In its place, the board adopted three categories of policies that employers can think of as being analogous to the green, yellow and red lights on a traffic signal.

  • One category are policies now deemed lawful if (i) the rule, when reasonably interpreted, does not prohibit or interfere with the exercise of NLRA rights; or (ii) the potential adverse impact on protected rights is outweighed by justifications associated with the rule. The new board held that rules prohibiting cameras or requiring civility fall into this category of rules.
  • The second category of rules are those that warrant individualized scrutiny in each case as to whether the rule would prohibit or interfere with NLRA rights, and if so, whether any adverse impact on NLRA-protected conduct is outweighed by legitimate justifications.
  • The third category of rules are those that the board will designate as unlawful to maintain because they would prohibit or limit NLRA-protected conduct, and the adverse impact on NLRA rights is not outweighed by justifications associated with the rule. The NLRB provided an example of such a rule as one that prohibits employees from discussing wages or benefits with each other.

Thus, while some rules would be unlawful to maintain, for many rules that are designed to make for an orderly workplace, the board took away the threat of violation for merely maintaining a rule if its application did not implicate NLRA rights.

Also on Thursday, the board did away with the 2015 Browning-Ferris joint employer test that created potential liability for companies because of the actions of their sub-contractors because they maintained “indirect control” over the contractor or had unexercised or routine authority over that contractor. This decision had created much consternation for franchisors, but had implications in the economy as a whole. In its place, the board restored the test that had been in place prior to Browning-Ferris.

Friday, Dec. 15

On Friday, a 3-2 decision overruled a 2016 test that obligated an employer to provide a union with the opportunity to bargain over changes in working conditions that were consistent with past practice or if they were done under a management rights clause.

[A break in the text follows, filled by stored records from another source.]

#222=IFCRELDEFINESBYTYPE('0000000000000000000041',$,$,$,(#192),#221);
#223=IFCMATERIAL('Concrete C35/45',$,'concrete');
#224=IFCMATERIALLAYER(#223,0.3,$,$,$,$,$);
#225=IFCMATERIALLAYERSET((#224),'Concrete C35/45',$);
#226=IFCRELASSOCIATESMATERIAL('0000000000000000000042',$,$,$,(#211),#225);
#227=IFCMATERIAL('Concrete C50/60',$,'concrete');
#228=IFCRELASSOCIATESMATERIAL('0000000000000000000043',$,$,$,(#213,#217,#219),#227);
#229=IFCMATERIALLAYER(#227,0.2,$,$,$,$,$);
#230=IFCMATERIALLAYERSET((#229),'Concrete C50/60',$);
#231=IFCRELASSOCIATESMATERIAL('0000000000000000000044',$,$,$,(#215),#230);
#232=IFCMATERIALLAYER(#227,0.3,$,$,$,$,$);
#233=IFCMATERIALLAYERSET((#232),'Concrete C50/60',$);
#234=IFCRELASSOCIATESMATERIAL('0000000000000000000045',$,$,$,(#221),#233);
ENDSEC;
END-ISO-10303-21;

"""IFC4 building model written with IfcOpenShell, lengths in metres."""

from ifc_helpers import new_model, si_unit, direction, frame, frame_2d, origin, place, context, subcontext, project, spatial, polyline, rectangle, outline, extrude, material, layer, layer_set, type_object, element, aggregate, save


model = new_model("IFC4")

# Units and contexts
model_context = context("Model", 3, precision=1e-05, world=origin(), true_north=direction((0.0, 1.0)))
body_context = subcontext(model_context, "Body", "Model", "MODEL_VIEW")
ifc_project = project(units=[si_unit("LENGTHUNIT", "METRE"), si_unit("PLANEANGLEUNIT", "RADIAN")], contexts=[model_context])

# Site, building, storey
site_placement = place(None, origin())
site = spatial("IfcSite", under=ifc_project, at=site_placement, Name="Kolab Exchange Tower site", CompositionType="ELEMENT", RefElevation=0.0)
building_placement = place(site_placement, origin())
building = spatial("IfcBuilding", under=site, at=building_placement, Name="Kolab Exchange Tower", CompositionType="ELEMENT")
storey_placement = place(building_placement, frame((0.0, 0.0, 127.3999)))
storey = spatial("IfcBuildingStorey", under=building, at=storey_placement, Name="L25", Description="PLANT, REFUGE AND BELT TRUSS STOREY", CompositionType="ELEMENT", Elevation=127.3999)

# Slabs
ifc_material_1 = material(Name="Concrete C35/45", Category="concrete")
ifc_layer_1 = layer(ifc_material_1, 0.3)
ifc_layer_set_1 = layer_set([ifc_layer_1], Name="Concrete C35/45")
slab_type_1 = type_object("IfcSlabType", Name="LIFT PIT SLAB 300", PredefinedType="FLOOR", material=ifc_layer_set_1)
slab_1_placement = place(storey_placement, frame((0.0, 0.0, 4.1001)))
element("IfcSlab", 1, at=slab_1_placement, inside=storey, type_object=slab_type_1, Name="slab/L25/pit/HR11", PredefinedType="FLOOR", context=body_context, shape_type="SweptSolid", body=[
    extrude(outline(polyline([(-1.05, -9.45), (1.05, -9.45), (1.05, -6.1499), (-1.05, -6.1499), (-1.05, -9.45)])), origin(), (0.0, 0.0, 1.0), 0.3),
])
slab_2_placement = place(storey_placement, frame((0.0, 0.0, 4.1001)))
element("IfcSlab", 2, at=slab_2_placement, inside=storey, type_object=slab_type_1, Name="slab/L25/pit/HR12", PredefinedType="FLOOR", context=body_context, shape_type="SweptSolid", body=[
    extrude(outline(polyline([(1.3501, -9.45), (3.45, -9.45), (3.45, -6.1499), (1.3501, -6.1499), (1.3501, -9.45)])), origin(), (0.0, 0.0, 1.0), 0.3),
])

Returning to the standard established by a line of cases dating back to 1964, the NLRB held that actions do not constitute a change if they are similar in kind and degree with an established past practice consisting of comparable unilateral actions. The board also held this principle applies regardless of whether (i) a collective bargaining agreement (CBA) was in effect when the past practice was created, and (ii) no CBA existed when the disputed actions were taken. Finally, the NLRB ruled such actions consistent with an established practice do not constitute a change requiring bargaining merely because they may involve some degree of discretion.

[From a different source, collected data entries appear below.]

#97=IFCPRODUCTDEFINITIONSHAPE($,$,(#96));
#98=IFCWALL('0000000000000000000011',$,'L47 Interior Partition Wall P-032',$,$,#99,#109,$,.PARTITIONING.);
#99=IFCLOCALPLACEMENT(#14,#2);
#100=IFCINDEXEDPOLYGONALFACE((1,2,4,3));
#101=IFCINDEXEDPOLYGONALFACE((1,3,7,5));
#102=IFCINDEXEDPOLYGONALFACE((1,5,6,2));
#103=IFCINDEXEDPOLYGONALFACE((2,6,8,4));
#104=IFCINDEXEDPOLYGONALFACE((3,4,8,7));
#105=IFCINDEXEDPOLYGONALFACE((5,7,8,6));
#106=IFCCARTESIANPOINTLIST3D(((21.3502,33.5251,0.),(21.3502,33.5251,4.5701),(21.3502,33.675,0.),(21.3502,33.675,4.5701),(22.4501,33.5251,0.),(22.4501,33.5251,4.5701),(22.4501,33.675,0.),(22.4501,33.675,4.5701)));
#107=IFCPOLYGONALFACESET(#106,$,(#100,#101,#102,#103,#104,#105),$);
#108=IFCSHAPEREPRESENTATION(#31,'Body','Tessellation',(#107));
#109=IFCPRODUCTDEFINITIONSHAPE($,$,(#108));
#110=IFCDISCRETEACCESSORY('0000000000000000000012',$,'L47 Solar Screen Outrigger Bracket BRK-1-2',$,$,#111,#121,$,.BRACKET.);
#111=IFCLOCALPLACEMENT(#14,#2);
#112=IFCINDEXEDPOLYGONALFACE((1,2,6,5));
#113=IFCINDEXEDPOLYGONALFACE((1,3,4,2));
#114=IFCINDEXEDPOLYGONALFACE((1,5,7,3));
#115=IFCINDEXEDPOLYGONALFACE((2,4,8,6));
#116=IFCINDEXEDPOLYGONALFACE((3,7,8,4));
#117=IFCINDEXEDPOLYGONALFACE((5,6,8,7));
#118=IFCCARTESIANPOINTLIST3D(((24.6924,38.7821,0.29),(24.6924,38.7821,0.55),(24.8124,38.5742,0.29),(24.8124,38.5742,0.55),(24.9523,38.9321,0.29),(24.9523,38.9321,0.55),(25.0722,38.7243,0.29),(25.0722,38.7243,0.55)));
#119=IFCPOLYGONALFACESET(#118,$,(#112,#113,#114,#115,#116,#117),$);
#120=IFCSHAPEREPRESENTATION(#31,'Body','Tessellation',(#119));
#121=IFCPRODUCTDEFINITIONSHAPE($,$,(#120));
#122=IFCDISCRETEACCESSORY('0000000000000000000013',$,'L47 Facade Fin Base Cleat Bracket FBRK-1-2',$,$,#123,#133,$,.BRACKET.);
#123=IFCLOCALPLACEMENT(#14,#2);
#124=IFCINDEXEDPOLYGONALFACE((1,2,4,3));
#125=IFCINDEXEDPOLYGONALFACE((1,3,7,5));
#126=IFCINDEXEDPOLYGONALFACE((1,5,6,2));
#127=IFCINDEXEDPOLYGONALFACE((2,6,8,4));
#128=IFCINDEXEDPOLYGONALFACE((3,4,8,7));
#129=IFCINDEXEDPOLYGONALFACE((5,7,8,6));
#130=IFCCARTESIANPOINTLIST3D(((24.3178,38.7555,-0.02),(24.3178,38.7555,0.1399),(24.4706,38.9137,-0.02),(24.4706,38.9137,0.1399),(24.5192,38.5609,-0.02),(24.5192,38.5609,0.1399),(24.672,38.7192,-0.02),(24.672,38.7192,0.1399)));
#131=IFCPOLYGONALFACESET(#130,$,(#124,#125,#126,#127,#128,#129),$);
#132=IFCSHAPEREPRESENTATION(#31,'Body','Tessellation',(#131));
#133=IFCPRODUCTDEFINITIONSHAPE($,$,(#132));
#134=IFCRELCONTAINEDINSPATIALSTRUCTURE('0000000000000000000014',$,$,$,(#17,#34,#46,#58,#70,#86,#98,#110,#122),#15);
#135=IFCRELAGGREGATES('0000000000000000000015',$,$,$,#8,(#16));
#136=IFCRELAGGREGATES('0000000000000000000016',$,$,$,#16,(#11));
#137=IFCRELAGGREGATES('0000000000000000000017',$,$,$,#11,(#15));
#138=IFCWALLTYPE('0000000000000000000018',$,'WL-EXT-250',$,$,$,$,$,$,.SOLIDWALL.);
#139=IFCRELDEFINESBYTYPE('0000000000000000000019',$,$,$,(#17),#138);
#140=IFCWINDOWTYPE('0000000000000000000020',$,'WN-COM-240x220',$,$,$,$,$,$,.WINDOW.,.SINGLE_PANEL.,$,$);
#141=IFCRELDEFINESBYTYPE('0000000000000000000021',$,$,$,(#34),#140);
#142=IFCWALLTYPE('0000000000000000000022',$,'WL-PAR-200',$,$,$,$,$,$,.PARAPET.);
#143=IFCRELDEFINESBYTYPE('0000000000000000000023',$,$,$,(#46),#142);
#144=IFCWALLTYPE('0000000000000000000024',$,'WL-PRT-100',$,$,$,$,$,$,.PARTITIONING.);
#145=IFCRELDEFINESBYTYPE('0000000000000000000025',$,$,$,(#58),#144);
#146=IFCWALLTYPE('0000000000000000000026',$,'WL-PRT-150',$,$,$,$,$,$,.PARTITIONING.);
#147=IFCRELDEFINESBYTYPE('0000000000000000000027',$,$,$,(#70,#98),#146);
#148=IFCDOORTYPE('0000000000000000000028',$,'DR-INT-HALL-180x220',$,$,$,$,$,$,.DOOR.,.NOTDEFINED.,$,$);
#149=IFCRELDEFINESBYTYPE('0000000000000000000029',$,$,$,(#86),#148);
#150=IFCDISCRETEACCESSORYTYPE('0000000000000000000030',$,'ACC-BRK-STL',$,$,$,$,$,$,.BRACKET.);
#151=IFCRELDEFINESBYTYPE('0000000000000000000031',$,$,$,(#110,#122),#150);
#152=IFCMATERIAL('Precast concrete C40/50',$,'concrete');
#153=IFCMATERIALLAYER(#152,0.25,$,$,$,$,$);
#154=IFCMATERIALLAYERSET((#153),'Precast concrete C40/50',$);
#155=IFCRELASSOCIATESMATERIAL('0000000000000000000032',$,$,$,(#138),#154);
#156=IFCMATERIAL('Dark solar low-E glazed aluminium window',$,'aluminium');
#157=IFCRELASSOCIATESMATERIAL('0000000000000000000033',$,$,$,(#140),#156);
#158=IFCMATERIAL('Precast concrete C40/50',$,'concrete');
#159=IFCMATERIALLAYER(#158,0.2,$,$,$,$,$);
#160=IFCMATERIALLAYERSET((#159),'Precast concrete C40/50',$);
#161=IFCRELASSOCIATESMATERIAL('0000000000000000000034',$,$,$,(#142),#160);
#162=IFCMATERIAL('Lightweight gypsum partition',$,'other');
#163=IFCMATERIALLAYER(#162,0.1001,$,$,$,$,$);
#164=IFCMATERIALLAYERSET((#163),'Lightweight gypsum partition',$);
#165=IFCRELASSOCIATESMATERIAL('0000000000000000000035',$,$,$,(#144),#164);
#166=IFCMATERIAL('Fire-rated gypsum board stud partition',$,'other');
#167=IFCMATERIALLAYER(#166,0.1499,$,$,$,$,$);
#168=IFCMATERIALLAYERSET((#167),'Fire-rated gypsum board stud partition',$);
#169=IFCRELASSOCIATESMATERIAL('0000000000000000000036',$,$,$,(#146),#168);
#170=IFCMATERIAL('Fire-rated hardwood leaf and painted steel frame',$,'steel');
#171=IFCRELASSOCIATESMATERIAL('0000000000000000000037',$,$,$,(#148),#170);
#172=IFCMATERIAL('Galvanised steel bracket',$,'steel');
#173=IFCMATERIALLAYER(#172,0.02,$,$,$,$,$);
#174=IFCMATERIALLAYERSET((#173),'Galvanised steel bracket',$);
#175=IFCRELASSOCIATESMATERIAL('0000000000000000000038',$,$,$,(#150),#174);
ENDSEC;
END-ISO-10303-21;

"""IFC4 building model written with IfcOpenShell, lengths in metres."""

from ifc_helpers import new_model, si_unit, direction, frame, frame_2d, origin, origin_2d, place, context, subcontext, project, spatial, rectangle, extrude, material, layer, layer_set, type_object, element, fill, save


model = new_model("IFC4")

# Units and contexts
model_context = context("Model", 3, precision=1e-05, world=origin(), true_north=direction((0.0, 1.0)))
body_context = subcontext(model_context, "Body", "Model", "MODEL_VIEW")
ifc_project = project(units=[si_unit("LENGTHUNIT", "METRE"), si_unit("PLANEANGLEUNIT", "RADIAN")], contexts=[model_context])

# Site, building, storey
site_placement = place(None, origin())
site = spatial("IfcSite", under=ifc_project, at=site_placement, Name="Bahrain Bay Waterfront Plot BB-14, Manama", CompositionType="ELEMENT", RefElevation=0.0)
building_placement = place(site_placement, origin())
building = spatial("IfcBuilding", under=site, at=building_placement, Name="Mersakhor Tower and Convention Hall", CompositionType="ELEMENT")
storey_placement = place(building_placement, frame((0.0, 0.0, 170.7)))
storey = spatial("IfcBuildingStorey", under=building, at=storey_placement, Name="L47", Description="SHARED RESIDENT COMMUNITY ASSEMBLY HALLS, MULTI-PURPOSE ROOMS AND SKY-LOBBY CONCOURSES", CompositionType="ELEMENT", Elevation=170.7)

Next, the board issued a 3-2 decision over-ruling the 2011 so-called “micro-unit” rule which allowed unions to pick off small groups of employees where those employees shared an “overwhelming community of interests” even where other employees shared sufficient community of interests to be included in the bargaining unit under the standards used by the NLRB from 1935 to 2011.

This flurry of activity, while a good start, will likely take a pause because the Republican majority on the NLRB will take a hiatus now that Chairman Miscimarra’s term has expired. This will result in a 2-2 board until President Trump’s next appointment.

In the meantime, NLRB General Counsel Peter Robb has announced an agenda of items he wants to review and have the NLRB reconsider. This agenda announced on Dec. 1. This agenda announced at least 26 different Obama-era decisions that the general counsel wants to reconsider as well as holding out the possibility of other changes in the law.

So while the NLRB ended 2017 with a strong move toward returning to the standards that pre-dated the Obama administration, it is likely that this is just the beginning.